Use any of the free online budgeting software available to create a budget that factors in saving for the trip. Forbes lists its 12 favorites, including our pick, BudgetPulse.com. It's a good choice for security cynics who don't want to sync their bank account information with their budgeting tool.

Stash any Extra

This takes will power. Dig deep...deeper...even deeper into your inner frugal soul to resist the temptation to spend the little financial windfalls you receive throughout the year. This means the Christmas bonus, the monthly gas expense refund and your yearly income tax return all get earmarked for your trip. Create a dedicated savings account just for this reason—watching the amount increase is great motivation.

Raise the Money

Most financial advisers would discourage you from borrowing from your 401(k). And most likely, it's sound advice. If you opt to do so, make sure your company is stable and there's little chance you'll get laid off. Also, be sure you're happy at your job and don't plan on changing soon, because if you do, you'll have to repay that loan within the next 60 days.

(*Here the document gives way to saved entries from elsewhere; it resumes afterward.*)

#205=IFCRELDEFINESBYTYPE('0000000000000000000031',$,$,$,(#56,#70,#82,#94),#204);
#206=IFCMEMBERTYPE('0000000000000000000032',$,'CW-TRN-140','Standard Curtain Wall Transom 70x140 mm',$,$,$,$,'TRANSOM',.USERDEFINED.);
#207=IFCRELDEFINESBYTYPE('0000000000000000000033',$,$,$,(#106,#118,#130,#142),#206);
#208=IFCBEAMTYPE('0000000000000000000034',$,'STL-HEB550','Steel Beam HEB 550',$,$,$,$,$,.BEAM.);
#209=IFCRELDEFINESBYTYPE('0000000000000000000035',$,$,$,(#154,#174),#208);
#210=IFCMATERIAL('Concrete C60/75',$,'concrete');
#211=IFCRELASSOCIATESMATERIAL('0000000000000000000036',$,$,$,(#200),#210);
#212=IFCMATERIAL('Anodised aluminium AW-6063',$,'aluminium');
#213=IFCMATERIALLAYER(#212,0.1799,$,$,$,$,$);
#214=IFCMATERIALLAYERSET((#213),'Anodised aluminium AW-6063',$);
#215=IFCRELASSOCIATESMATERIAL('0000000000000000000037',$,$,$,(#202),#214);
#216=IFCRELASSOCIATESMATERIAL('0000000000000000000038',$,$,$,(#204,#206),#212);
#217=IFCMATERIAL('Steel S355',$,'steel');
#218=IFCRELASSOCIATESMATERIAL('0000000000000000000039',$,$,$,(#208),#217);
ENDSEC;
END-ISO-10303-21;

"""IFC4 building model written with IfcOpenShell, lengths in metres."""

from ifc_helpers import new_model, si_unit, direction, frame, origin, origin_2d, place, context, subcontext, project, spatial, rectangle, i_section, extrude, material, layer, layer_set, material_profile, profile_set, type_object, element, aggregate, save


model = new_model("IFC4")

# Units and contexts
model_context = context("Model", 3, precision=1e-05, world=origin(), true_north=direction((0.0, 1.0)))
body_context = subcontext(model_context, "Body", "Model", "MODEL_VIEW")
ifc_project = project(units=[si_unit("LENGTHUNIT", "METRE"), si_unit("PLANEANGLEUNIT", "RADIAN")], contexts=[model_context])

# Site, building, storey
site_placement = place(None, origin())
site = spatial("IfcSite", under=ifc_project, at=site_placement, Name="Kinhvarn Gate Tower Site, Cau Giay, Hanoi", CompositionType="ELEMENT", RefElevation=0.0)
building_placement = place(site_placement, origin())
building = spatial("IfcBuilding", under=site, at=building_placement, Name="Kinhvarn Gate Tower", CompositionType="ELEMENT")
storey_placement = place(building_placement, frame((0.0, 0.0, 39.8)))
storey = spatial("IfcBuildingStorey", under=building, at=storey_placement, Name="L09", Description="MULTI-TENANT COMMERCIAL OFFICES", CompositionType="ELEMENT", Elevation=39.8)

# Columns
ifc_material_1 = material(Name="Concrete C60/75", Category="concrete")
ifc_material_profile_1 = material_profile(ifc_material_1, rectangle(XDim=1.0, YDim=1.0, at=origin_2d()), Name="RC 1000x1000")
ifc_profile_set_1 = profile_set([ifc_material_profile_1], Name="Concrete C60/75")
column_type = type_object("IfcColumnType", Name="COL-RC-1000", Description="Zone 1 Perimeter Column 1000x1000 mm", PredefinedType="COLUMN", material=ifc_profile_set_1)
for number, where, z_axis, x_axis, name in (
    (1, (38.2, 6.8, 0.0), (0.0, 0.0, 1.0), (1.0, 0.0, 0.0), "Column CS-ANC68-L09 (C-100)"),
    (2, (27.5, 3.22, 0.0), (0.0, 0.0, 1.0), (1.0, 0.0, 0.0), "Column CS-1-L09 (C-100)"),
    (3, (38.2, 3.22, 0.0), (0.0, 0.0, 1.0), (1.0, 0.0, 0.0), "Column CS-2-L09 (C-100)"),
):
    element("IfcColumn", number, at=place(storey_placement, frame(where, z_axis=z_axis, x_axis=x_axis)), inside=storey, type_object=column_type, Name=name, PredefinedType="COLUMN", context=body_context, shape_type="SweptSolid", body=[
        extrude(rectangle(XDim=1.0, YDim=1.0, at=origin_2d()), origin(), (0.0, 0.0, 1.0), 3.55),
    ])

Perhaps a better idea is to liquidate any assets you have to fund your trip. If you hold stock, consider selling. If you're retiring from running your own business, sell your equipment, inventory and furniture. If you receive regular payments from a structured settlement or annuity, you may be able to sell your future payments to J.G. Wentworth or a similar company for a lump sum of cash now .

And don't forget about all the little ways to earn extra money. You could hold a yard sale, take odd jobs or start a side business. It'll all be worth it when the plane touches down.